Но действительно ли это предупреждение было преждевременным? В конце концов, смысл предупреждений в том, чтобы убедить людей изменить поведение, чтобы предотвратить вред или заранее адаптироваться к грядущим изменениям. Вред и изменения, описанные в книге, не менее вероятны и сегодня.
В долгосрочной перспективе у нас действительно не будет другого выбора, кроме как адаптироваться к ограничениям. Быстрый экономический рост, свидетелем которого стал мир в XX веке, был разовым явлением, вызванным научными исследованиями, технологическим развитием, рекламой, потреблятством и кредитами. Что особенно важно, в конечном счёте он подпитывался истощающимися невозобновляемыми ископаемыми видами топлива — в первую очередь нефтью.

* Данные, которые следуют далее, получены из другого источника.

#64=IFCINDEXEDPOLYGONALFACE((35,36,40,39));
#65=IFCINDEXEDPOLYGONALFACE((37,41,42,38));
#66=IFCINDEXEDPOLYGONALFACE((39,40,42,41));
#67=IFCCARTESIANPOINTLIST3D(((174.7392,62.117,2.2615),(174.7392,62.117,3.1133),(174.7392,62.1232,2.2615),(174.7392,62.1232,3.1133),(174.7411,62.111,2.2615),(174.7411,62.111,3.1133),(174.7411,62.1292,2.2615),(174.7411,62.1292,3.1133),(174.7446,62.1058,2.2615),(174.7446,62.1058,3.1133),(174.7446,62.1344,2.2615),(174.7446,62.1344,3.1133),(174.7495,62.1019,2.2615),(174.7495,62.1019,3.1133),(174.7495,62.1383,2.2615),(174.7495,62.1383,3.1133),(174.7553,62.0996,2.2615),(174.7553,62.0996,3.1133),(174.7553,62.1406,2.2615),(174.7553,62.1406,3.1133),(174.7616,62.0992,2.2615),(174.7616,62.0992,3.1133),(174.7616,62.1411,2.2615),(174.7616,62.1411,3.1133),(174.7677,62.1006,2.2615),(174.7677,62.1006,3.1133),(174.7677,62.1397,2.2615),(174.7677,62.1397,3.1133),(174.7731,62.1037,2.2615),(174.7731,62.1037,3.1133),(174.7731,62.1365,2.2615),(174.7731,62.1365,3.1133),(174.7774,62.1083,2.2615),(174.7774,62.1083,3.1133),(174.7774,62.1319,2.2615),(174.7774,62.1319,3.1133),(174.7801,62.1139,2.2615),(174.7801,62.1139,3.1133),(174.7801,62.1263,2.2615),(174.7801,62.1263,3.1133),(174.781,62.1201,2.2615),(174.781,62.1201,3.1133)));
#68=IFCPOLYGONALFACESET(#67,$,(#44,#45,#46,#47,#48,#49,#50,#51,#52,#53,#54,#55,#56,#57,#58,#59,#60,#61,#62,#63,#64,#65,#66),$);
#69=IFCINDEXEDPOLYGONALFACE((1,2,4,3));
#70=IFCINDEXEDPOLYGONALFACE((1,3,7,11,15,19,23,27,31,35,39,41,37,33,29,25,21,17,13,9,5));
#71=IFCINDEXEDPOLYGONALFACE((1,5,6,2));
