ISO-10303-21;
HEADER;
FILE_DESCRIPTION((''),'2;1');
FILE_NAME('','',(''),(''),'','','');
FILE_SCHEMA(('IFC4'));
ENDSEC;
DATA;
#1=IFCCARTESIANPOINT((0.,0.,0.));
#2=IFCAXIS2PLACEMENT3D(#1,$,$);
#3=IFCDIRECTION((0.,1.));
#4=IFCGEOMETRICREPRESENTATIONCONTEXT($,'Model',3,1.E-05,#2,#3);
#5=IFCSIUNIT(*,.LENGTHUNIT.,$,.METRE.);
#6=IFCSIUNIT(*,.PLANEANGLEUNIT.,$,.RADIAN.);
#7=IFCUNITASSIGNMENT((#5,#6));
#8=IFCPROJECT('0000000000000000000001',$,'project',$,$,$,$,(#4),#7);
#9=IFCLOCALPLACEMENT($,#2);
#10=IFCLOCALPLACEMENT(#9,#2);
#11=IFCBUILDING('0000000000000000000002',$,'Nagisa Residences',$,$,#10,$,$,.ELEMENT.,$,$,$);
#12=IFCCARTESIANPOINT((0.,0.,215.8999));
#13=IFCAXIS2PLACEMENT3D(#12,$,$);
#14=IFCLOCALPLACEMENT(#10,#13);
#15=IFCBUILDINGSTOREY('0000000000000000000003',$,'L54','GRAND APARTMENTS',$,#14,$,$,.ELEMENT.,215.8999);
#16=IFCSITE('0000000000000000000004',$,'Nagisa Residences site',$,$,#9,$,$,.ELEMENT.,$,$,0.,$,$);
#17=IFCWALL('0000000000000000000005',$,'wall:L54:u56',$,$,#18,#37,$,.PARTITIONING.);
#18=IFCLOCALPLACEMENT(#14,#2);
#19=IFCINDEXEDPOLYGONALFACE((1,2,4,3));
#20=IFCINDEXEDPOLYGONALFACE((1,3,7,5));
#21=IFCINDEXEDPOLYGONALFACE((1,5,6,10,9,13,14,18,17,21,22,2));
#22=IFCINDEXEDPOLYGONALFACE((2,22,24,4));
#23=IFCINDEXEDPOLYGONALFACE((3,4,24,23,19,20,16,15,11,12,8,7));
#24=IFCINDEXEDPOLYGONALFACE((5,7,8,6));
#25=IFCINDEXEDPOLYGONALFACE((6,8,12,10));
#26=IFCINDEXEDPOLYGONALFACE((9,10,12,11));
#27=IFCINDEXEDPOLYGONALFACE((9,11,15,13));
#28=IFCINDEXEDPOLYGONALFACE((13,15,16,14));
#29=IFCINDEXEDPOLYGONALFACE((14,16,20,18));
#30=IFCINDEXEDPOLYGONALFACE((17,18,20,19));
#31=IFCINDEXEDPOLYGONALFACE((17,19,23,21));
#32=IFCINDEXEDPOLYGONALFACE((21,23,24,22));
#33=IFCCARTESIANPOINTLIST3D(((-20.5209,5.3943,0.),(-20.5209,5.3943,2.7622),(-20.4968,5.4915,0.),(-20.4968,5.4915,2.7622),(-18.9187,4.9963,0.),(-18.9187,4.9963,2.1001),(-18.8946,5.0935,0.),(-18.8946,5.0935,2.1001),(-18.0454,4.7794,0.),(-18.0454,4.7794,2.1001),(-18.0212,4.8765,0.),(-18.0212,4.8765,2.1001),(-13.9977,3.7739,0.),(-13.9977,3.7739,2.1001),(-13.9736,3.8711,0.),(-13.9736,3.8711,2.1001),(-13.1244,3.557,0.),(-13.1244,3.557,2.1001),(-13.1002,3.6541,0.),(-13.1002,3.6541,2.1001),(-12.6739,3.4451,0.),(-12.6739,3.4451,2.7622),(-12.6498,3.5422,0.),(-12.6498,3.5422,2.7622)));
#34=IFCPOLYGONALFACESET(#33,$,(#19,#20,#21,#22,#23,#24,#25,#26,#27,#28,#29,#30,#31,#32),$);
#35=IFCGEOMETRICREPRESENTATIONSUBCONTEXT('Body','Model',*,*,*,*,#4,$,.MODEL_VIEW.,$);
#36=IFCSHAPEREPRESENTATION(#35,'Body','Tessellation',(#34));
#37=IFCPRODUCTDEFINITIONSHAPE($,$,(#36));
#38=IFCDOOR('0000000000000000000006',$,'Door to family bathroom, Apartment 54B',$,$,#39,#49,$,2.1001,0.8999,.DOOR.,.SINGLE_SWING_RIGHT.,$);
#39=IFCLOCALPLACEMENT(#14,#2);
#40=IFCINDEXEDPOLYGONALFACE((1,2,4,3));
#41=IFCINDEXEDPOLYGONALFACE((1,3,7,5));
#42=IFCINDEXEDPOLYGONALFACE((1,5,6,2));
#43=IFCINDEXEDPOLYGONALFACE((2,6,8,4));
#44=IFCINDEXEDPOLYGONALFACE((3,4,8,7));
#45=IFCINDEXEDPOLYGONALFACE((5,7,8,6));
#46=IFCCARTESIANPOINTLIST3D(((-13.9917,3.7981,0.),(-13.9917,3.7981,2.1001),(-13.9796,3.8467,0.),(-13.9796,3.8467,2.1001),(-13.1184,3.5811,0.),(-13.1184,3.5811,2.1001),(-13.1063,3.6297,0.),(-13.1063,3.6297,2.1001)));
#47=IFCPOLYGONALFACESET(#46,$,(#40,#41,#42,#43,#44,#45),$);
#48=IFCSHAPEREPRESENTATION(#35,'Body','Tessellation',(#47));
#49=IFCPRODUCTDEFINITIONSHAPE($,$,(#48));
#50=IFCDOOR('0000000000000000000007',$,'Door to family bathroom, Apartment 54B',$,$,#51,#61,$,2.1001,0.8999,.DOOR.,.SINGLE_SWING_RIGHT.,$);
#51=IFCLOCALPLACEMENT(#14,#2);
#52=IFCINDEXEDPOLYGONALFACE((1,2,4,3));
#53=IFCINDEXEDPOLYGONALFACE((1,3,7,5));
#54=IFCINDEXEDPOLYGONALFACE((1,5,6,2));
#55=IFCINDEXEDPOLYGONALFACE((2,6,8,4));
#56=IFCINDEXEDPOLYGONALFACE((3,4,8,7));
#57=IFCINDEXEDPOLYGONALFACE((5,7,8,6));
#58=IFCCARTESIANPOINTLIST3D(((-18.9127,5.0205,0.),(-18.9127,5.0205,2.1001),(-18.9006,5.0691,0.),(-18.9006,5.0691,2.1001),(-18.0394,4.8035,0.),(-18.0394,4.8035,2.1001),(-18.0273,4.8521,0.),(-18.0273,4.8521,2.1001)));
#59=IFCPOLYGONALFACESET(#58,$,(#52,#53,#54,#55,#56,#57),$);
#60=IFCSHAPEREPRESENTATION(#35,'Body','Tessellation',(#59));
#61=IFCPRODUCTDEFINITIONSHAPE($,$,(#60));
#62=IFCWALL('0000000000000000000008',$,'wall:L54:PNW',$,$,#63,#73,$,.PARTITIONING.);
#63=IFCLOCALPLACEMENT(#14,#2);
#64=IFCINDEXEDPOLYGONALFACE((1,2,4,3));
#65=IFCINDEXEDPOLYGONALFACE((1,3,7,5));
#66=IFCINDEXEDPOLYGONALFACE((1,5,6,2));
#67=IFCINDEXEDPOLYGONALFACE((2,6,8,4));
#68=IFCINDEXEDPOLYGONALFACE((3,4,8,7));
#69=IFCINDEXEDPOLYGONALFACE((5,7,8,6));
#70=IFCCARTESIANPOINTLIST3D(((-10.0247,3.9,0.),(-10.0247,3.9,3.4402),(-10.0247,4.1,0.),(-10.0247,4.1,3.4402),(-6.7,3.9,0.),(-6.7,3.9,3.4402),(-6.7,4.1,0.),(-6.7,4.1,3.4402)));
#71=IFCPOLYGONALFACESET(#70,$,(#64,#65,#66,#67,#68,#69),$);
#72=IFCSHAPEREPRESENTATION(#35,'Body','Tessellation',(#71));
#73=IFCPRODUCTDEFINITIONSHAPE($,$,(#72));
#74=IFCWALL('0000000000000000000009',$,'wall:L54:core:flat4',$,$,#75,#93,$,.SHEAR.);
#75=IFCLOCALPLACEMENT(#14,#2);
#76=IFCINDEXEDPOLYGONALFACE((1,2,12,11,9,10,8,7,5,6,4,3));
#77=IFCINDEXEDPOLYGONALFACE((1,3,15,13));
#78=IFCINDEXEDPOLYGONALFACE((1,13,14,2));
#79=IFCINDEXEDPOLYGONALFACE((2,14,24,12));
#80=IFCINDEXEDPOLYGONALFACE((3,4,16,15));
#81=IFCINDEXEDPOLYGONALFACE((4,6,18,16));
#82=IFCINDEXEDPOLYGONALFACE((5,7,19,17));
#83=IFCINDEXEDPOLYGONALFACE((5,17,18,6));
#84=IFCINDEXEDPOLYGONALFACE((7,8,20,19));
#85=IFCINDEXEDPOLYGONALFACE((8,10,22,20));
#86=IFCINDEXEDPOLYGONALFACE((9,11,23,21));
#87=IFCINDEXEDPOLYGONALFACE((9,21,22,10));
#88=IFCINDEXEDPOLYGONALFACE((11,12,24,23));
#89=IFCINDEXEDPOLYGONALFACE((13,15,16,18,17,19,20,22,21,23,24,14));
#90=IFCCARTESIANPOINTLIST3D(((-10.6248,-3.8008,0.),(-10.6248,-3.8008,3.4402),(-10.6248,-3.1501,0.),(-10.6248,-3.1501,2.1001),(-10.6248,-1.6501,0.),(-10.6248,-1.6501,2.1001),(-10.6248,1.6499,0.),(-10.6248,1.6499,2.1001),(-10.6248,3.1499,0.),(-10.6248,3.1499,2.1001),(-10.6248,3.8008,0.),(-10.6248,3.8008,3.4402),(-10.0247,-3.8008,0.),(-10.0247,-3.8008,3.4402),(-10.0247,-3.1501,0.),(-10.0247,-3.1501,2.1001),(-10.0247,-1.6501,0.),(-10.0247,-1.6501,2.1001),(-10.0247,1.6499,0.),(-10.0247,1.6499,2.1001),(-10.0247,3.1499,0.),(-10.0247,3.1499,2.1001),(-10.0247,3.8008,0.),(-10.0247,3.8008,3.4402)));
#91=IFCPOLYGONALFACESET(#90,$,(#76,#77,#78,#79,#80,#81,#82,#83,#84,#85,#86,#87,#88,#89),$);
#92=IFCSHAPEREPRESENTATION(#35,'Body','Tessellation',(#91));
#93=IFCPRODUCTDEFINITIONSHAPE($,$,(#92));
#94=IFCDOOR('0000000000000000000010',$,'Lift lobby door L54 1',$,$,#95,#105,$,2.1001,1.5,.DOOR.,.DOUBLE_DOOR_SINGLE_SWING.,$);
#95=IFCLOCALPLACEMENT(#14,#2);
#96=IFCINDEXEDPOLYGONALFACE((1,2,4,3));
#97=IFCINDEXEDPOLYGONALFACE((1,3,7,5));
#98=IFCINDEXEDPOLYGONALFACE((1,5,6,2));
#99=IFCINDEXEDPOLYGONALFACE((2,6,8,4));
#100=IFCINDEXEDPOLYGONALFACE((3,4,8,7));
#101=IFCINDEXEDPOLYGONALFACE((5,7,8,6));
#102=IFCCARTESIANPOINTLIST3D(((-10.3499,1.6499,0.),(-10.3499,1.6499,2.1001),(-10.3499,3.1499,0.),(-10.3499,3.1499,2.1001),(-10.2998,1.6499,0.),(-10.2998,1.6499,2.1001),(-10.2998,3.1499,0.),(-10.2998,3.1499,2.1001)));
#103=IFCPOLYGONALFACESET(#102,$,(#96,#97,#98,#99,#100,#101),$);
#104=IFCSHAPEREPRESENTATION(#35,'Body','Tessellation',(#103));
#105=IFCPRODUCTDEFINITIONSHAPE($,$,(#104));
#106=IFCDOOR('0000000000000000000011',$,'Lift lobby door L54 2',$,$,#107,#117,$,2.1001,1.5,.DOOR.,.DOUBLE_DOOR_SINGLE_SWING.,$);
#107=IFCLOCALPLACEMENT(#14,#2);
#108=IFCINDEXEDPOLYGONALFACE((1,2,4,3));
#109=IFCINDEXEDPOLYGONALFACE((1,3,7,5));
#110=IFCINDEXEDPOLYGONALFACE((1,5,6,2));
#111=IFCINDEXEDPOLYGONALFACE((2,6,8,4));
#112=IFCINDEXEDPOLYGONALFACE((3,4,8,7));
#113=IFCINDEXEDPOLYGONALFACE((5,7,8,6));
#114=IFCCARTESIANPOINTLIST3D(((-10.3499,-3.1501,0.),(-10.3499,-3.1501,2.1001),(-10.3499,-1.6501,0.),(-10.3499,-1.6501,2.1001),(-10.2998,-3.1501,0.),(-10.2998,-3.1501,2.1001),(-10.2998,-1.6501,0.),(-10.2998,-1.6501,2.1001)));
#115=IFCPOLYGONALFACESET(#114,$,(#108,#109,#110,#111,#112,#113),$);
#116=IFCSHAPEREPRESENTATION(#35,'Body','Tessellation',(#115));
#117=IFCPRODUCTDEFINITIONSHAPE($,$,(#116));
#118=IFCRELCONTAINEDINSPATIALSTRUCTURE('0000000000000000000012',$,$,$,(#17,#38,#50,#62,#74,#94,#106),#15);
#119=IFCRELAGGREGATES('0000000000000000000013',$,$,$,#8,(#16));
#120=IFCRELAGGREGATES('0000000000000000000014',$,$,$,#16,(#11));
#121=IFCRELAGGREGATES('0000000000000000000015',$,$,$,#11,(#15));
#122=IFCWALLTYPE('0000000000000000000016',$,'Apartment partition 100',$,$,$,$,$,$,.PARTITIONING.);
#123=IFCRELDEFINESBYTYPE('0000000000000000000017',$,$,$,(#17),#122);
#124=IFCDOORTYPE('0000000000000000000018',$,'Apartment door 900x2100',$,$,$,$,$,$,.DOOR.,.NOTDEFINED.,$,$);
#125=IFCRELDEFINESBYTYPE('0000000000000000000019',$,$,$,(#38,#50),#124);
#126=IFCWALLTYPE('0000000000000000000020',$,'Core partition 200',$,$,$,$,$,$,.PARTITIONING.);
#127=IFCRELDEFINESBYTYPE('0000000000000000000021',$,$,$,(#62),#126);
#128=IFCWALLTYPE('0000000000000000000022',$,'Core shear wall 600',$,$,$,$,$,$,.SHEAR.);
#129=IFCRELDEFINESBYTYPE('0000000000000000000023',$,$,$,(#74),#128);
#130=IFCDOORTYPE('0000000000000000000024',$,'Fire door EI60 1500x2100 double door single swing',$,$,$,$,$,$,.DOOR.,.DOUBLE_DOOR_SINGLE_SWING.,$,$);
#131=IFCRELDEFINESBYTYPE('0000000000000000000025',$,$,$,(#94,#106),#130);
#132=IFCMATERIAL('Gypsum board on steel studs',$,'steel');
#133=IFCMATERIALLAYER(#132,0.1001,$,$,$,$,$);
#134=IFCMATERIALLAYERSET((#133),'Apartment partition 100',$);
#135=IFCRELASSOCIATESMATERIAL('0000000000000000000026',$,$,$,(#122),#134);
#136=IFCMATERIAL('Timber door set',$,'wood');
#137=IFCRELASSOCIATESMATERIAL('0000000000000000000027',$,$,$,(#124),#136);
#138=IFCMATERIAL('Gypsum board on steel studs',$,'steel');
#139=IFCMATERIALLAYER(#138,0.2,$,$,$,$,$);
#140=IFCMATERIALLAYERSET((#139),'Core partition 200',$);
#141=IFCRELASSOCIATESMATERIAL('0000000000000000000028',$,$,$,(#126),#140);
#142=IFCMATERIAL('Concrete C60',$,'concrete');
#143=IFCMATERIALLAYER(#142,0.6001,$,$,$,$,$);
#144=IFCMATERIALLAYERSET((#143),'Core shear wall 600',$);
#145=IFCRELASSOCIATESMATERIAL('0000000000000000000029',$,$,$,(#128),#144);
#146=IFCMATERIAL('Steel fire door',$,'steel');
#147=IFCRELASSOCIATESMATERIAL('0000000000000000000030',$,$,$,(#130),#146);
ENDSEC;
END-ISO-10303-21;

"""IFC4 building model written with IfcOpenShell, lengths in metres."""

from ifc_helpers import new_model, si_unit, direction, frame, frame_2d, origin, place, context, subcontext, project, spatial, rectangle, extrude, material, layer, layer_set, type_object, element, fill, save


model = new_model("IFC4")

# Units and contexts
model_context = context("Model", 3, precision=1e-05, world=origin(), true_north=direction((0.0, 1.0)))
body_context = subcontext(model_context, "Body", "Model", "MODEL_VIEW")
ifc_project = project(units=[si_unit("LENGTHUNIT", "METRE"), si_unit("PLANEANGLEUNIT", "RADIAN")], contexts=[model_context])

# Site, building, storey
site_placement = place(None, origin())
site = spatial("IfcSite", under=ifc_project, at=site_placement, Name="Nagisa Residences site", CompositionType="ELEMENT", RefElevation=0.0)
building_placement = place(site_placement, origin())
building = spatial("IfcBuilding", under=site, at=building_placement, Name="Nagisa Residences", CompositionType="ELEMENT")
storey_placement = place(building_placement, frame((0.0, 0.0, 215.8999)))
storey = spatial("IfcBuildingStorey", under=building, at=storey_placement, Name="L54", Description="GRAND APARTMENTS", CompositionType="ELEMENT", Elevation=215.8999)

# Shared definitions
ifc_material_1 = material(Name="Gypsum board on steel studs", Category="steel")
ifc_layer_1 = layer(ifc_material_1, 0.1001)
ifc_layer_set_1 = layer_set([ifc_layer_1], Name="Apartment partition 100")
wall_type_1 = type_object("IfcWallType", Name="Apartment partition 100", PredefinedType="PARTITIONING", material=ifc_layer_set_1)

# Shared definitions
ifc_material_2 = material(Name="Timber door set", Category="wood")
door_type_1 = type_object("IfcDoorType", Name="Apartment door 900x2100", OperationType="NOTDEFINED", PredefinedType="DOOR", material=ifc_material_2)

Сейчас мы живём на закате этой эпохи.
Политики и экономисты-традиционалисты продолжают призывать к дальнейшему росту. Это, если использовать избитую и уродливую метафору, всё равно что бить по мёртвому животному.
Вера широкой общественности в возможность и пользу дальнейшего экономического роста ослабевает. И чем сильнее мы подталкиваем человеческие системы к пределу роста, тем сильнее и быстрее эти системы рухнут, когда эти пределы будут превышены. Какой бы рост ни оставался в системе, он будет достигаться за счёт будущих поколений и остальной природы и, скорее всего, будет приносить непропорциональную выгоду и без того богатым.
Те, кто держит в своих руках рычаги государственной политики, крупные корпорации и даже благотворительные организации, не замечают сигналов о прекращении роста, потому что только они продолжают получать выгоду от продолжающегося роста.
Следующая циклическая рецессия может быть уже не за горами. После последней рецессии мировая экономика была залатана метафорическими шпильками для волос и жевательной резинкой. Следующая рецессия, скорее всего, будет намного хуже, поскольку центральные банки и правительства уже исчерпали большую часть своих средств. Конец экономического роста откладывался так долго, как только было возможно. Давно пора смириться с экологической реальностью и совершить осознанный переход к режиму постэкономического роста.